Abstimmung über EU-Gesetz zur Netzneutralität Sorge vor Zweiklassensystem im Internet

Stand: 03.04.2014 01:42 Uhr

Für Internet-Aktivisten steht die Zukunft der digitalen Welt auf dem Spiel, wenn das Europaparlament heute über ein neues Gesetz für den Telekommunikationsmarkt abstimmt. Darin geht es auch um die Netzneutralität, die viele in Gefahr sehen.

Von Christian Feld, ARD Berlin

Von Christian Feld, ARD-Europastudio Brüssel

"Am 3. April wird über die Zukunft des Internets abgestimmt", sagt Thomas Lohninger von der Organisation EDRi, die sich für Bürgerrechte in der digitalen Welt einsetzt. "Verlieren wir diese Abstimmung, verlieren wir auch den Lebensraum Internet mit seinen Zukunftschancen für Demokratie, Wirtschaft und Wissensgesellschaft." Es sind große Worte, mit denen über ein geplantes EU-Gesetz für einen einheitlichen Telekommunikationsmarkt gestritten wird. Das soll zum Beispiel die Roaming-Gebühren für Handy-Nutzung im Ausland bis Ende 2015 ganz abschaffen. In dem Gesetz - und da wird es kontrovers - geht es aber auch um die so genannte Netzneutralität.

Was verbirgt sich dahinter? Wenn wir im Netz surfen, eine Mail verschicken oder ein Video anschauen, dann werden dabei Datenpakete über die Leitungen hin und her geschickt. Zu den Grundprinzipien des Internet zählt, dass alle Daten gleich behandelt werden, egal ob sie von einem Giganten wie Youtube oder einem kleinen Blog kommen. Diese Form der Netzneutralität sehen manche jetzt in Gefahr.

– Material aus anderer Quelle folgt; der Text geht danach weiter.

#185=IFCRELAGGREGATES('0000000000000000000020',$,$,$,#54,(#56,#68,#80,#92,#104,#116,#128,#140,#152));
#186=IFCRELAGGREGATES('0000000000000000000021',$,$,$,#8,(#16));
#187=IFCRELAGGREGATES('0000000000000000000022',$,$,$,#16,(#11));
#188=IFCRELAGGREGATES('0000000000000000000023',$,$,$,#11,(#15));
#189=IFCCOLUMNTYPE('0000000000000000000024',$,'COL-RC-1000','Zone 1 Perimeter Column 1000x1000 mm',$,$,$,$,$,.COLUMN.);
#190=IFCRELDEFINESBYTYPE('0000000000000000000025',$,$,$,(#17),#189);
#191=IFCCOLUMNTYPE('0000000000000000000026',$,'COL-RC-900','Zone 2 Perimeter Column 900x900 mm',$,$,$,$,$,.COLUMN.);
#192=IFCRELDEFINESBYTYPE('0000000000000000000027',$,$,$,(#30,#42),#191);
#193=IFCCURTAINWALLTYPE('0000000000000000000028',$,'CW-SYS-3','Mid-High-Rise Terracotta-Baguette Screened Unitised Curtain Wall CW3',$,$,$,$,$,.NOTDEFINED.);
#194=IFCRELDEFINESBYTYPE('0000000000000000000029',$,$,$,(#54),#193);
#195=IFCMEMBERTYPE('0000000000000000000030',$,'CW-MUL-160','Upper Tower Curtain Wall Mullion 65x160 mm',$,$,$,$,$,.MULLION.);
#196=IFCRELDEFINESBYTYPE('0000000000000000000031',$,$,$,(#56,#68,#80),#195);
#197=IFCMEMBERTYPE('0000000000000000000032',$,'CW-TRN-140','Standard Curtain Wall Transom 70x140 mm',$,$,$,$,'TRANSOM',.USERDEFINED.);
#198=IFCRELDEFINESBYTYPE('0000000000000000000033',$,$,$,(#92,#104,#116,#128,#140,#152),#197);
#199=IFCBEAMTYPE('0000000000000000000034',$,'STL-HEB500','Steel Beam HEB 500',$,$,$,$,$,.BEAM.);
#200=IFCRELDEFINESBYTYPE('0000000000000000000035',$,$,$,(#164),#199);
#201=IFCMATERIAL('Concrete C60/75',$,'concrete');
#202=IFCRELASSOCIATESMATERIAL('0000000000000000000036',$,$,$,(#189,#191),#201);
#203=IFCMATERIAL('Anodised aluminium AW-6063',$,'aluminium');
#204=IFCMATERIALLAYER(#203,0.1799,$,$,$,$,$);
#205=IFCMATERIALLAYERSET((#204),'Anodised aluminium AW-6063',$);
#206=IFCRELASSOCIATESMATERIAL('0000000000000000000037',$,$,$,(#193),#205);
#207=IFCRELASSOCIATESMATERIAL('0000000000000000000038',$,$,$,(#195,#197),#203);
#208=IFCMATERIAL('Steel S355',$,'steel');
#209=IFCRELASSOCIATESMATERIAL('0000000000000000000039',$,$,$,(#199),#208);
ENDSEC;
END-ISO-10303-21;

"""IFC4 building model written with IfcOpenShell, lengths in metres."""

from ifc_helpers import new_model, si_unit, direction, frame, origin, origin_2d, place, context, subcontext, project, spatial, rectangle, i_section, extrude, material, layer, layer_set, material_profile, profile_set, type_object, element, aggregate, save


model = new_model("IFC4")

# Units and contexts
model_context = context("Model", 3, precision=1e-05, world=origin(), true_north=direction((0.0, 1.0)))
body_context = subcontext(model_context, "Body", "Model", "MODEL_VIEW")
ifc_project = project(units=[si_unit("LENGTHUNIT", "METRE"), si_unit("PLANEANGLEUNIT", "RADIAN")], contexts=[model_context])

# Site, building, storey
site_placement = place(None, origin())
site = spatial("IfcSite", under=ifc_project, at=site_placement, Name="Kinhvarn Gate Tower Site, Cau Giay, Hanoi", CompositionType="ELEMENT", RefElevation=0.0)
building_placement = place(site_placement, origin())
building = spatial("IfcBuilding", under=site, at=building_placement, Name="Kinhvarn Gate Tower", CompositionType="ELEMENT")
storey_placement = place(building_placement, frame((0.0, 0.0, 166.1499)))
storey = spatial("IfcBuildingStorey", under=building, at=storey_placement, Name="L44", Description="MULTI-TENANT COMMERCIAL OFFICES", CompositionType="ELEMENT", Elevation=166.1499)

Streit um ein Zwei-Klassen-Internet droht

Die Aktivisten sehen besonders ein Vorhaben der EU-Kommission als problematisch. Internet-Provider sollen neben dem freien und offenen Internet zusätzlich Sonderdienste (specialised services) anbieten. Diese Dienste seien im Gesetzestext nur schwammig definiert. Es drohe ein Zwei-Klassen-Internet. Das, so Katharina Nocun vom Kampagnen-Netzwerk Campact, mache eine "Überholspur für Großkonzerne" möglich und verhindere Wettbewerb und Innovation im Internet. Nadja Hirsch, die netzpolitische Sprecherin der FDP im EU-Parlament, sieht vor allem Start-Ups und kleine Unternehmen als mögliche Opfer: "Die Köpfe, die wir brauchen, um uns unsere Unabhängigkeit in der IT-Infrastruktur zurückzugewinnen, würden unter die Räder der großen Konzerne geraten, wenn diese sie im Internet überholen."

EU-Kommissarin Neelie Kroes, von der das Gesetz stammt, kann den lauten Protest nicht verstehen. Man wolle doch, dass alle EU-Bürger endlich einen Zugang zu einem freien und offenen Internet bekommen - ohne Blockieren oder Drosseln. Und die Sonderdienste? Die gebe es schon, jetzt würden sie endlich reguliert. Gedacht seien sie vor allem für Angebote, die unbedingt eine höhere Netz-Qualität brauchen wie Video-Konferenzen, Telemedizin oder Fernsehen über das Netz. Neelie Kroes in dieser Woche im EU-Parlament: "Sie können nie eine Alternative zum Internet sein, nie das Internet für alle anderen langsamer machen, nie den Nutzern gegen ihren Willen aufgezwungen werden." Es gehe nicht darum, dass Menschen plötzlich für Youtube zahlen müssten.

Kampagne für Netzneutralität

Das sind Worte, die ihre Kritiker nicht beruhigen werden. Es prallen hier ganz unterschiedliche Vorstellungen von Netzneutralität und von einem freien, offenen Internet aufeinander. Am Dienstag übergab Campact in Brüssel dicke Mappen an EU-Abgeordnete. 170.000 Unterschriften sammelte das Kampagnen-Netzwerk nach eigenen Angaben innerhalb einer Woche. Am Vormittag stimmt das Parlament über das Gesetz ab. Das hat jedoch noch einen längeren Weg vor sich. Auch die 28 Mitgliedsstaaten müssen sich noch damit befassen.